- Court: United States Court of Appeals for Veterans Claims
- Decided: February 25, 1994
- Citation: 6 Vet. App. 259 (1994)

Case history
- Appealed from: Board of Veterans Appeals

Court membership
- Judges sitting: Kramer, Mankin, and Steinberg

= Esteban v. Brown =

Esteban vs. Brown is a United States Court of Appeals for Veterans Claims case that dealt with the pyramiding rule.

== Background ==
Leonardo Esteban appealed a Board of Veterans' Appeals (BVA) decision that denied entitlement to an increased rating for residuals of an injury to the right side of the face. Mr. Esteban served on active duty between July 1946 and April 1949. In January 1949, he injured his face during a motor vehicle accident in Japan.

In 1977, he attended a VA examination. The examination noted that there were four scars on the right side of his face. The report also detailed that there was an injury to the facial muscles and that he was experiencing pain in the area. The Veteran was ultimately granted service connection under diagnostic code 7800 at 10% disabling.

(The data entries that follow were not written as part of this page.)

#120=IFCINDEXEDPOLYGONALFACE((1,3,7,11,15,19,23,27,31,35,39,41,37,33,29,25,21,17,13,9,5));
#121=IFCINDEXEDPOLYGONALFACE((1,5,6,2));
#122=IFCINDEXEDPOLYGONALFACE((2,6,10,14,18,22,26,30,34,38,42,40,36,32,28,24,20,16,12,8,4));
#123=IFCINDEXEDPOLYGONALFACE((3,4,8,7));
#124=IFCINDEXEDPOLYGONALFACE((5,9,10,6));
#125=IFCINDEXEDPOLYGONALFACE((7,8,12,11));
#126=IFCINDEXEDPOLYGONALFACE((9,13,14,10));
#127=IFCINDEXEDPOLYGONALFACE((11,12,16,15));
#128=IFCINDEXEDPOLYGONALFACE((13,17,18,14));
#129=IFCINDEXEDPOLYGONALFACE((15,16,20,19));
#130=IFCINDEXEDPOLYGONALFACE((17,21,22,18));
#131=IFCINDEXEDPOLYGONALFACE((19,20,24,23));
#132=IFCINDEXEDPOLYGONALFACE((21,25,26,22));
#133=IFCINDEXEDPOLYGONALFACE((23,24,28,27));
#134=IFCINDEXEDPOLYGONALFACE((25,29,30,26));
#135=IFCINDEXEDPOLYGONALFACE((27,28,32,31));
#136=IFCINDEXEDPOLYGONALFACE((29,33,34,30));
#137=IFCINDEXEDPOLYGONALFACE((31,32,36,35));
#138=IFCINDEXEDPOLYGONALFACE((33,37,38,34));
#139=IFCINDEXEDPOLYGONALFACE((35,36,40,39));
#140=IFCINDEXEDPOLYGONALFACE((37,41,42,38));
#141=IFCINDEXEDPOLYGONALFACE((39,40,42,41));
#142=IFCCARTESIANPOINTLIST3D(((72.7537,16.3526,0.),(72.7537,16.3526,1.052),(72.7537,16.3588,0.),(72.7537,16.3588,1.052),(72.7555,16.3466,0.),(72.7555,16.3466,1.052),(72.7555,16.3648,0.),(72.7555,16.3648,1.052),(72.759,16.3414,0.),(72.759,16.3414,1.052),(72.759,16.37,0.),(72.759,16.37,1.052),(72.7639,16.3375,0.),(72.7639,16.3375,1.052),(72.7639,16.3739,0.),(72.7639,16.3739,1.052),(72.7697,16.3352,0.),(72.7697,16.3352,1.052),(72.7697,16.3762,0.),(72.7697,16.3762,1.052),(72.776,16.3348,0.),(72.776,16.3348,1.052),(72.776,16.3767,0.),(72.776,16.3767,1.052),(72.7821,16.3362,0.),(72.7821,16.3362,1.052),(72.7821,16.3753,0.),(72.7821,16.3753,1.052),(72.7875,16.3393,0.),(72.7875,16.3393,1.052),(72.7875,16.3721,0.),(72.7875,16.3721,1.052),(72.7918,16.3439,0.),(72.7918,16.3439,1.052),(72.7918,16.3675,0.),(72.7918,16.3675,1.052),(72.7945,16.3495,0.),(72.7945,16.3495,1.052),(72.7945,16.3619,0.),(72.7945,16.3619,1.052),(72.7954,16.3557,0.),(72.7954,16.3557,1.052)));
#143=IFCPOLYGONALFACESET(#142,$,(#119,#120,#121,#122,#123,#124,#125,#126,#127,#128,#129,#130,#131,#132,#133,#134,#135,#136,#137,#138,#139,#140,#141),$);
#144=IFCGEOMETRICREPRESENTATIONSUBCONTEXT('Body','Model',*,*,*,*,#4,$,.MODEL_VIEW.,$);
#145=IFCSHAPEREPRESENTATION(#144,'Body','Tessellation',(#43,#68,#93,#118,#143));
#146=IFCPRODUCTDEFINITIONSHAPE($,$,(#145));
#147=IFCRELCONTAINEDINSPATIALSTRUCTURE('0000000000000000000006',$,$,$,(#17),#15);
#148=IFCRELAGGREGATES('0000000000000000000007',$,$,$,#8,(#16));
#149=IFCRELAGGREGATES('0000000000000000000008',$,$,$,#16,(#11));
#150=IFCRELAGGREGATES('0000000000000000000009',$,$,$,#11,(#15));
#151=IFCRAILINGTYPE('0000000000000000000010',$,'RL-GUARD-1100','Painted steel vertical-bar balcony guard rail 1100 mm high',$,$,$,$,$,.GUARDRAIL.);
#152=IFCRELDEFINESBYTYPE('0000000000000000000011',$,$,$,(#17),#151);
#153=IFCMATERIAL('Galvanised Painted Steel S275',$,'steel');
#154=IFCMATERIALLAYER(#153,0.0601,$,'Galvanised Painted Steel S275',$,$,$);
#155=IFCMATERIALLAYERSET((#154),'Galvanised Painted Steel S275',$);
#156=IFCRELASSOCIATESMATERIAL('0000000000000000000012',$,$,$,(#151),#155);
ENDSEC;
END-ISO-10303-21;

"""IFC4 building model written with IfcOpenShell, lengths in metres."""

In 1988, while in the process of filing a claim for an increased evaluation, the Veteran provided medical evidence that he had paralysis on the right side of his face. BVA denied this claim for an increased evaluation. In June 1991, he filed again and provided medical evidence showing that he had impaired sensation on the side of his face and disfiguring scars. The report also showed that he had difficult with mastication and pain. The VA Regional Office denied a higher evaluation. The Board affirmed this decision, but conceded that the Veteran could be rated under diagnostic codes 7800, 7804 or 5325. However, the Board held that the Veteran was not entitled to multiple evaluations for the same disability. Therefore, the 10% disability was confirmed.

== Analysis ==
The Court rejected the argument by the Board. The Court noted that the rating criteria under diagnostic code 7800 was entirely cosmetic in nature, while the rating criteria under 7804 dealt only with the pain associated with the scarring itself. Additionally, diagnostic code 5325 only dealt with facial muscle damage resulting in difficulty with mastication. Therefore, his symptomatology was distinct and separate, thereby not in violation of 38. C.F.R. §4.14. For these reasons, the Court held that the Veteran was entitled to separate evaluations under all three diagnostic codes, as none of the symptomatology for any one of the three conditions were duplicative or overlapping of the other two conditions.

== Decision ==
The appellant's motion was granted, the BVA decision reversed, and the case was remanded.